Updated on June 12, 2012
Disastrous Plans for a Tiered Internet
Disastrous Plans for a Tiered Internet

Plans by ISPs to Offer a Tiered Internet

Word has arrived out of the United Nations international Telecommunications Union or the ITU for short, that the European ISPs are lobbying for the right to give preferential treatment to certain content providers depending on how much money they receive from them. In other words, if a website wishes to receive preferential treatment from an ISP, they can subscribe to a "premium" package that gives them preferential access to the users. In this model, content providers end up paying for bandwidth consumed by the users rather than the other way around. Or to put it more accurately, ISPs get paid by BOTH the users as well as the content providers.

This is a disastrous proposal. One of the great strengths of the Internet is that it provides a level playing field to every single person who pays the basic minimum for bandwidth from their hosting provider. It means that a small business can compete just as well with a large one if they have a great website and offer an ideal user experience. This democratic nature of the Internet has truly transformed online businesses and has created revolutionary new business models and services. VoIP for example relies on the fact that ISPs make a best effort to deliver all Internet traffic regardless of where it comes from and what type of traffic it is.

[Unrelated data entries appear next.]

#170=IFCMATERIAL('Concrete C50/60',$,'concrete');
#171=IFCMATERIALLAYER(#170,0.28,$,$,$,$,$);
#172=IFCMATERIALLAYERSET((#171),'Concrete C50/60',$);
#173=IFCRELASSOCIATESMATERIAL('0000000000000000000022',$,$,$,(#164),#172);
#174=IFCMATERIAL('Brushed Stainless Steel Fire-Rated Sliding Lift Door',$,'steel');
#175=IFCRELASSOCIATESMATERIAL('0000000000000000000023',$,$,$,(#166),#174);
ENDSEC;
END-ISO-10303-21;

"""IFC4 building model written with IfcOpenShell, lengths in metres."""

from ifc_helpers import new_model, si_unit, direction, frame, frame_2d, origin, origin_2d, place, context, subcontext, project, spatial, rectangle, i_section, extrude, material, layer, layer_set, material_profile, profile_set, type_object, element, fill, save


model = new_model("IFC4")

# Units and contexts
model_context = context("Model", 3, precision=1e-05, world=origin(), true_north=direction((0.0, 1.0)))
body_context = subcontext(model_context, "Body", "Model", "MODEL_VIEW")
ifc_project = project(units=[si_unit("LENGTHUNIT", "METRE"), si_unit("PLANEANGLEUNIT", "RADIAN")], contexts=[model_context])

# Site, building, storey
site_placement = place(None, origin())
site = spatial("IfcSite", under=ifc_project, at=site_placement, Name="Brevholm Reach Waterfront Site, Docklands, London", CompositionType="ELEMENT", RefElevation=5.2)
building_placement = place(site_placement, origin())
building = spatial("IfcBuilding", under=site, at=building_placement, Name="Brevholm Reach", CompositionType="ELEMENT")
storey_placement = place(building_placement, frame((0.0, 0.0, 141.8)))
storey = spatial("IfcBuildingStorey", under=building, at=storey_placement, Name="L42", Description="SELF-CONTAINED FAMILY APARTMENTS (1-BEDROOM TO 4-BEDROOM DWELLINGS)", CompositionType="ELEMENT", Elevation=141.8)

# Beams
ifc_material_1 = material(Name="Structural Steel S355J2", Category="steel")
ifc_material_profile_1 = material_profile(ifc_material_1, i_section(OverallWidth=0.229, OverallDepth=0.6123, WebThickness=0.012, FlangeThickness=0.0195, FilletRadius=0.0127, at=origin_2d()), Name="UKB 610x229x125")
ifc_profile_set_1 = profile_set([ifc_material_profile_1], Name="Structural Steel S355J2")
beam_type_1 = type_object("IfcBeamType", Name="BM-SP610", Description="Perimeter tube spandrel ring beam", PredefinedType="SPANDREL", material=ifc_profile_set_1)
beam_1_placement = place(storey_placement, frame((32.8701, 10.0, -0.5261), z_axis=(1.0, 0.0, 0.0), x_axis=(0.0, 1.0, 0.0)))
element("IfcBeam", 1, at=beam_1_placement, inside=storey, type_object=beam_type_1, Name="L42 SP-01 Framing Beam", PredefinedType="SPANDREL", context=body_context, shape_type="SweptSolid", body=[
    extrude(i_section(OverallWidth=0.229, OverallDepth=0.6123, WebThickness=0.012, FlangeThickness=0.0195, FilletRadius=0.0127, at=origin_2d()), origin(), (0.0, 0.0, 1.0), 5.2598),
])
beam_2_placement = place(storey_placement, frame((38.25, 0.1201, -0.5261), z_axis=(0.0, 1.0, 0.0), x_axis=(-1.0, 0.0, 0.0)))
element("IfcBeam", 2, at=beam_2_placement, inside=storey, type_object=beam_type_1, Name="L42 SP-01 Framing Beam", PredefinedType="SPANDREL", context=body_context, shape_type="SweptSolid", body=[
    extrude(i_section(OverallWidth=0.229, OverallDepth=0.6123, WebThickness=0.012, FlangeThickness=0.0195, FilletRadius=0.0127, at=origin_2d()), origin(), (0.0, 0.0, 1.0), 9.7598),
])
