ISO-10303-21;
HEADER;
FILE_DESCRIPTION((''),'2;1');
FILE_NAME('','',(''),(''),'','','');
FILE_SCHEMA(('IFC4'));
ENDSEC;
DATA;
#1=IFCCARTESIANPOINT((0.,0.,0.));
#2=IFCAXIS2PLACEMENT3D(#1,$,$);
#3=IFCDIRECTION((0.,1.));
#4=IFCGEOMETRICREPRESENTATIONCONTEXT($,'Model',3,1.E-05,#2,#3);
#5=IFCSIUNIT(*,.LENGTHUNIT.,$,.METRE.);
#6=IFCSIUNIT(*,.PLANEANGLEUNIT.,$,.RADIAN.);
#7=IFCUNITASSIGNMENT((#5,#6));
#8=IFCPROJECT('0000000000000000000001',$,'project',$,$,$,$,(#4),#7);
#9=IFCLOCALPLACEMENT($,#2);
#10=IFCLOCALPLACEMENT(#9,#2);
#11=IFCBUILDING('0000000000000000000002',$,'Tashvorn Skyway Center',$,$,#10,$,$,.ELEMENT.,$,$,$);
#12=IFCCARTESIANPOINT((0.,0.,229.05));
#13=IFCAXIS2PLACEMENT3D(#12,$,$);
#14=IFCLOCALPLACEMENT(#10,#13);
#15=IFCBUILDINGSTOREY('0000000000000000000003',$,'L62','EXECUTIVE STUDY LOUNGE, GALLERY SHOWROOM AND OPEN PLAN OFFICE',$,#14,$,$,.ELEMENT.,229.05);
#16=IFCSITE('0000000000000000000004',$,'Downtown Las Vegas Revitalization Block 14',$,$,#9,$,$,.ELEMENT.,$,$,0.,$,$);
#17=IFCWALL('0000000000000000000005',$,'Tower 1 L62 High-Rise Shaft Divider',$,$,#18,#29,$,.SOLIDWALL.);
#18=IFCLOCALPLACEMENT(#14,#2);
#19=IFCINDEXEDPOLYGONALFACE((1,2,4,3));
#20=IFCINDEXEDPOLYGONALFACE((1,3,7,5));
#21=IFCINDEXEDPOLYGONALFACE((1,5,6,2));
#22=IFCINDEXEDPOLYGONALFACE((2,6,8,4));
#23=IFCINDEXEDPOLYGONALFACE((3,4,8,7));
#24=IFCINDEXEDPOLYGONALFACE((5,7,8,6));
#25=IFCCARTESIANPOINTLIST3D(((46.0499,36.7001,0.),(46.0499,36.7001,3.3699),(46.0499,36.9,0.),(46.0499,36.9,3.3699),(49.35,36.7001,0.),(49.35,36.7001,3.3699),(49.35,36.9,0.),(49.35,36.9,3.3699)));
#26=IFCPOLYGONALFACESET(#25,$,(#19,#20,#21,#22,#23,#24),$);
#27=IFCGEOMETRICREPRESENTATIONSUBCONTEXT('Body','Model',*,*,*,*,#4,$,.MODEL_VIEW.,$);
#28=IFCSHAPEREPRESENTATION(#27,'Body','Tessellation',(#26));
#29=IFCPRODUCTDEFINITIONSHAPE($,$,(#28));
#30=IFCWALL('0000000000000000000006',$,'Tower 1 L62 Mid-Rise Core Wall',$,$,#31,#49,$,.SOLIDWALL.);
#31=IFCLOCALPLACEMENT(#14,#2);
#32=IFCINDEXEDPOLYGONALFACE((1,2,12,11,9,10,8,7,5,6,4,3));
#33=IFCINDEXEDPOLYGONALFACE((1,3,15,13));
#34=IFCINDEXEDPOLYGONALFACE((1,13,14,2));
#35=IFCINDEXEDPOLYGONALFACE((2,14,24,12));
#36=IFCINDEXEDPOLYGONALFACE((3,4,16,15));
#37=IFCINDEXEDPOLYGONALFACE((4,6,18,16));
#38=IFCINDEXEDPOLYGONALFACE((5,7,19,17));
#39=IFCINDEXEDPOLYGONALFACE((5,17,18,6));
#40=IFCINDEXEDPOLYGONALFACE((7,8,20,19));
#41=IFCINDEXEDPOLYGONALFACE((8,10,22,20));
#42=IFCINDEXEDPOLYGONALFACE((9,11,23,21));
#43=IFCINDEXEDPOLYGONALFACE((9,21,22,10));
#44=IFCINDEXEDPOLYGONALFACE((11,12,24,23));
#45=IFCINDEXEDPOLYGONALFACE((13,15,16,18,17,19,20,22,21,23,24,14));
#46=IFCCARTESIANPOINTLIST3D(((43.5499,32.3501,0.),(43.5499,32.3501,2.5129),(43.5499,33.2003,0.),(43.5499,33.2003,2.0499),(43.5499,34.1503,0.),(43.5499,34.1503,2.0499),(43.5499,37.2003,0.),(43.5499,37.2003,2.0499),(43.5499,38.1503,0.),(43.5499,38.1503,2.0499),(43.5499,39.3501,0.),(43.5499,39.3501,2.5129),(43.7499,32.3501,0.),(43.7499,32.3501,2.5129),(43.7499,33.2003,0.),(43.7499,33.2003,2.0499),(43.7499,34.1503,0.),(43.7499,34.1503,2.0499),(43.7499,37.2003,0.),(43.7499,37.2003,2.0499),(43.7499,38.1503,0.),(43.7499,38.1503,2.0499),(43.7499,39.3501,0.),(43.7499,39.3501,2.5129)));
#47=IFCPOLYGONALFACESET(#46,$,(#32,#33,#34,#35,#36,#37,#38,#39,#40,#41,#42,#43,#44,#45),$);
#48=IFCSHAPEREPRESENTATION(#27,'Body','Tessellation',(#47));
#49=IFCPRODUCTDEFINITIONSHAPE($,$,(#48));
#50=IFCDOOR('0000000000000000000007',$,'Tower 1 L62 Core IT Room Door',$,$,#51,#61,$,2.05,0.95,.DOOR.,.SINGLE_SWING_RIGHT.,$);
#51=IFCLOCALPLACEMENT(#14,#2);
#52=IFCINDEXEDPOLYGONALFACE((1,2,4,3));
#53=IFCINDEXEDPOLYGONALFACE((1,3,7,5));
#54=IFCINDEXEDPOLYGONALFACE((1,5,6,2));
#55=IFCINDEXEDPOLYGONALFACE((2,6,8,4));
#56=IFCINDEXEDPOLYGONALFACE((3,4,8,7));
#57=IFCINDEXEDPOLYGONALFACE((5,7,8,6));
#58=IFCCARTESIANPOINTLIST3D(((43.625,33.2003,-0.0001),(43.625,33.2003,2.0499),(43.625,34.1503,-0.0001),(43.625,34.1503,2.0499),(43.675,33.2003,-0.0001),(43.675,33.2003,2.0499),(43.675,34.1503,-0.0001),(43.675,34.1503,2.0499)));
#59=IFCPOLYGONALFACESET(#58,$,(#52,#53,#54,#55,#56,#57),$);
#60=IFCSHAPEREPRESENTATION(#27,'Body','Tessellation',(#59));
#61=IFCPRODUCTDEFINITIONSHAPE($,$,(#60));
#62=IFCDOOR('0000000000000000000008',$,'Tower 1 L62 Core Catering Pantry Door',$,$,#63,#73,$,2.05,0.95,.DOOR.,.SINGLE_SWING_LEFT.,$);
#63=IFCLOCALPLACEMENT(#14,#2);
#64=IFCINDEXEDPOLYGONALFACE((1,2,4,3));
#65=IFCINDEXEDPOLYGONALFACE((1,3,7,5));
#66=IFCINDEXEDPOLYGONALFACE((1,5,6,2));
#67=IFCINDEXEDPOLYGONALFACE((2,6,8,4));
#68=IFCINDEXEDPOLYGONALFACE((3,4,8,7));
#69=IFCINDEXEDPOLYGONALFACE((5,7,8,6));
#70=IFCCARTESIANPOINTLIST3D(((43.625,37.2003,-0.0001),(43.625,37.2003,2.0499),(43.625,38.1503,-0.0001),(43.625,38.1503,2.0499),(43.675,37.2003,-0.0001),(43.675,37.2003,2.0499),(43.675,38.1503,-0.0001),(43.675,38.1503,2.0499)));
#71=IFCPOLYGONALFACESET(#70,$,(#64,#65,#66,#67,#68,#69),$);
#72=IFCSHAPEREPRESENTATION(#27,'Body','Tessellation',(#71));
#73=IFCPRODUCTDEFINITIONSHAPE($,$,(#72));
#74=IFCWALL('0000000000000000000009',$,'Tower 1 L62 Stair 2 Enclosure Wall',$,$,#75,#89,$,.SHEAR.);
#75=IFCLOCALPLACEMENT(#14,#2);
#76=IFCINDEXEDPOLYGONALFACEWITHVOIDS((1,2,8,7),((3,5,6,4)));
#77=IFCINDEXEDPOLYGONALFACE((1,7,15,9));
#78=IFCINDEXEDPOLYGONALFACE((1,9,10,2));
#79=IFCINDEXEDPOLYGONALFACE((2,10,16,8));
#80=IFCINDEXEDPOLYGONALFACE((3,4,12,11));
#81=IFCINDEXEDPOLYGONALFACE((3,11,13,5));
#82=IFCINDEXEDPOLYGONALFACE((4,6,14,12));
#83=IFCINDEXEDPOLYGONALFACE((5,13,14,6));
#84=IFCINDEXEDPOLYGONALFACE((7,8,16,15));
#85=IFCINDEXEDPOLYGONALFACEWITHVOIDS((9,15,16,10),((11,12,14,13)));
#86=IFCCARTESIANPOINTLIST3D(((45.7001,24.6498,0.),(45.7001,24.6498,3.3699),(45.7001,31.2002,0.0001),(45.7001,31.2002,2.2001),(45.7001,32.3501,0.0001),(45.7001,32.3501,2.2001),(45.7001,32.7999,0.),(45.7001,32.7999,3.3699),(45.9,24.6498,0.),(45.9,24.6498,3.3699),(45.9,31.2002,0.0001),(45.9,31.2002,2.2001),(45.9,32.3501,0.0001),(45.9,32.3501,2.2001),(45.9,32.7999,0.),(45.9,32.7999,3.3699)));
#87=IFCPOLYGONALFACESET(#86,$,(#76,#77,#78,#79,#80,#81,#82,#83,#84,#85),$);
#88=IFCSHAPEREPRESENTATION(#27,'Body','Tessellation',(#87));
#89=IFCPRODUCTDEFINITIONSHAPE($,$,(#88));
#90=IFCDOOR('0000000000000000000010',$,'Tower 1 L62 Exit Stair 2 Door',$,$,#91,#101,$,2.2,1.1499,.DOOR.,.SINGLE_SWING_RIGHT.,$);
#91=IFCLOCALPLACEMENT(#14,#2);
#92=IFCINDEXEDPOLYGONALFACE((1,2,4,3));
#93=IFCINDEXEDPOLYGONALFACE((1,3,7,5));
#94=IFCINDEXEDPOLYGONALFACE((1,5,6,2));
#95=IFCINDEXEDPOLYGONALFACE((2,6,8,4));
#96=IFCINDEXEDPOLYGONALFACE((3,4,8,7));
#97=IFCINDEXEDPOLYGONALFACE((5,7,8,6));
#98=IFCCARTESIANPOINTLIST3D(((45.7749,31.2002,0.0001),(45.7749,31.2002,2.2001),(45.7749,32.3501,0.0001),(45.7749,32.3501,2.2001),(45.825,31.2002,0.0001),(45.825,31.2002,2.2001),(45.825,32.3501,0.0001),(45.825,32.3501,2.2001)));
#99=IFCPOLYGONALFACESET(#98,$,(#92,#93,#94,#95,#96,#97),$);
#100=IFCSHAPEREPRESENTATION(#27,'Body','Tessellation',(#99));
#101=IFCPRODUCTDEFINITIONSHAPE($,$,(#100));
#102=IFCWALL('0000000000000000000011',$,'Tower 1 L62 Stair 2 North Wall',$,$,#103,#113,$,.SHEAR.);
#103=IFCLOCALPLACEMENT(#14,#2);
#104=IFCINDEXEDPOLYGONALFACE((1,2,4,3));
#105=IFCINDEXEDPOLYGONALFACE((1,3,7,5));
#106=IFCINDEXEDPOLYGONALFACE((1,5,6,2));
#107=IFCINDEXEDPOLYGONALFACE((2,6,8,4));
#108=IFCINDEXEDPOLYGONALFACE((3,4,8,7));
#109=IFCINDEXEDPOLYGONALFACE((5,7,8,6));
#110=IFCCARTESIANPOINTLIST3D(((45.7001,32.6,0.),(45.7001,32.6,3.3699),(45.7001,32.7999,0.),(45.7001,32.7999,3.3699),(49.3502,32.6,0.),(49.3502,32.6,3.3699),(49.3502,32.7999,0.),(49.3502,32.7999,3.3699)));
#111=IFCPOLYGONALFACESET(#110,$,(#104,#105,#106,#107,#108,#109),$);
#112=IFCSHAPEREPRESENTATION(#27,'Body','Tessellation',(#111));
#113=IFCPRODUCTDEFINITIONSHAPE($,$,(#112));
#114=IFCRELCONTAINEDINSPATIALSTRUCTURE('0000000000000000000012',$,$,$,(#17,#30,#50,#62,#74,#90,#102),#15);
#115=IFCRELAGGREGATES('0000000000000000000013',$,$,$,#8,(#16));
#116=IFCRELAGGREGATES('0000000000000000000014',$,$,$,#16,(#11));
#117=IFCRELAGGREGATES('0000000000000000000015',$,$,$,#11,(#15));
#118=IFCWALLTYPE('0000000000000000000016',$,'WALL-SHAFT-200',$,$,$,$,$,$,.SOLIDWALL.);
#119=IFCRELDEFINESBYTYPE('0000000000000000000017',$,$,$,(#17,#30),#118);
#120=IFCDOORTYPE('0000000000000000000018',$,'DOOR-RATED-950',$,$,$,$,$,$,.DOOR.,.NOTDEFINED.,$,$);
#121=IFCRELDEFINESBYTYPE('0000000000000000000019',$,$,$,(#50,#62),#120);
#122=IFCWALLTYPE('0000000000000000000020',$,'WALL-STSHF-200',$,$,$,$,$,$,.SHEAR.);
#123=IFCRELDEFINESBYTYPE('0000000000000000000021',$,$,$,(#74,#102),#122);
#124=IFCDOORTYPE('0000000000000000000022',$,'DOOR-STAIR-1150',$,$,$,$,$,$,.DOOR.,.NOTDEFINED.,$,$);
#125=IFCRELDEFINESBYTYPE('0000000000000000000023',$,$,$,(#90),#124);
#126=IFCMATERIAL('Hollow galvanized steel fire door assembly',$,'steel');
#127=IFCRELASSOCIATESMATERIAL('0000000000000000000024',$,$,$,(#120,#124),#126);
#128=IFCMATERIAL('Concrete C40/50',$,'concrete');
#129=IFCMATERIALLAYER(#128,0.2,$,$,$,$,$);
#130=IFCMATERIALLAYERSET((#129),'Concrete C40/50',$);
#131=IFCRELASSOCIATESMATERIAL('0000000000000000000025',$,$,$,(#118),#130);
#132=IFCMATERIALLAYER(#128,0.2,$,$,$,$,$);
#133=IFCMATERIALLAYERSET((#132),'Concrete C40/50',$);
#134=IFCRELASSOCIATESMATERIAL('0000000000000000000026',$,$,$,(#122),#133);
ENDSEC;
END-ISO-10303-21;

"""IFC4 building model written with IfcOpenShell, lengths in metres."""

from ifc_helpers import new_model, si_unit, direction, frame, frame_2d, origin, place, context, subcontext, project, spatial, rectangle, extrude, material, layer, layer_set, type_object, element, fill, save


model = new_model("IFC4")

# Units and contexts
model_context = context("Model", 3, precision=1e-05, world=origin(), true_north=direction((0.0, 1.0)))
body_context = subcontext(model_context, "Body", "Model", "MODEL_VIEW")
ifc_project = project(units=[si_unit("LENGTHUNIT", "METRE"), si_unit("PLANEANGLEUNIT", "RADIAN")], contexts=[model_context])

# Site, building, storey
site_placement = place(None, origin())
site = spatial("IfcSite", under=ifc_project, at=site_placement, Name="Downtown Las Vegas Revitalization Block 14", CompositionType="ELEMENT", RefElevation=0.0)
building_placement = place(site_placement, origin())
building = spatial("IfcBuilding", under=site, at=building_placement, Name="Tashvorn Skyway Center", CompositionType="ELEMENT")
storey_placement = place(building_placement, frame((0.0, 0.0, 229.05)))
storey = spatial("IfcBuildingStorey", under=building, at=storey_placement, Name="L62", Description="EXECUTIVE STUDY LOUNGE, GALLERY SHOWROOM AND OPEN PLAN OFFICE", CompositionType="ELEMENT", Elevation=229.05)

# Shared definitions
ifc_material_1 = material(Name="Concrete C40/50", Category="concrete")
ifc_material_2 = material(Name="Hollow galvanized steel fire door assembly", Category="steel")
door_type_1 = type_object("IfcDoorType", Name="DOOR-RATED-950", OperationType="NOTDEFINED", PredefinedType="DOOR", material=ifc_material_2)

# Wall
ifc_layer_1 = layer(ifc_material_1, 0.2)
ifc_layer_set_1 = layer_set([ifc_layer_1], Name="Concrete C40/50")
wall_type_1 = type_object("IfcWallType", Name="WALL-SHAFT-200", PredefinedType="SOLIDWALL", material=ifc_layer_set_1)
for number, where, z_axis, x_axis, name in (
    (1, (46.05, 36.8, 0.0), (0.0, 0.0, 1.0), (1.0, 0.0, 0.0), "Tower 1 L62 High-Rise Shaft Divider"),
):
    element("IfcWall", number, at=place(storey_placement, frame(where, z_axis=z_axis, x_axis=x_axis)), inside=storey, type_object=wall_type_1, Name=name, PredefinedType="SOLIDWALL", context=body_context, shape_type="SweptSolid", body=[
        extrude(rectangle(XDim=3.3, YDim=0.2, at=frame_2d((1.6499, 0.0))), origin(), (0.0, 0.0, 1.0), 3.3699),
    ])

In other words, ISPs who subscribe to the ideals of net neutrality undertake to be a mere conduit between users and content providers – nothing more.

Outrageous Proposals by ISPs

Think of what it would mean if you as a website owner had to pony up extra cash to ISPs just to ensure that you get equal treatment with companies that are large and powerful like Google and Facebook. In this case not only do you need to pay your hosting provider, but also an extra third-party as well. Another follow-up to this will be that companies will refuse to deliver traffic to those destinations that they deem unprofitable if they have to pay extra for it to reach them. This means that most of the developing world will be cut off from services that they have till now taken for granted.

The scene is bleak for innovative services like VoIP. As of now, ISPs are bound by a fragile legal framework but mostly by the expectations of customers that they will not give preferential treatment to their own services over those provided by someone else. In most cases, ISPs are also the owners of large telecom companies whose products are threatened by VoIP. It is not hard to imagine a penalty or tax being imposed on the services by the ISPs once they are allowed to discriminate. Data only VoIP plans are just around the corner and it's important to ensure that International VoIP policies are not detrimental to the structure of the Internet as a whole.

It's something that we as global citizens need to raise our voice over to preserve our Internet freedoms.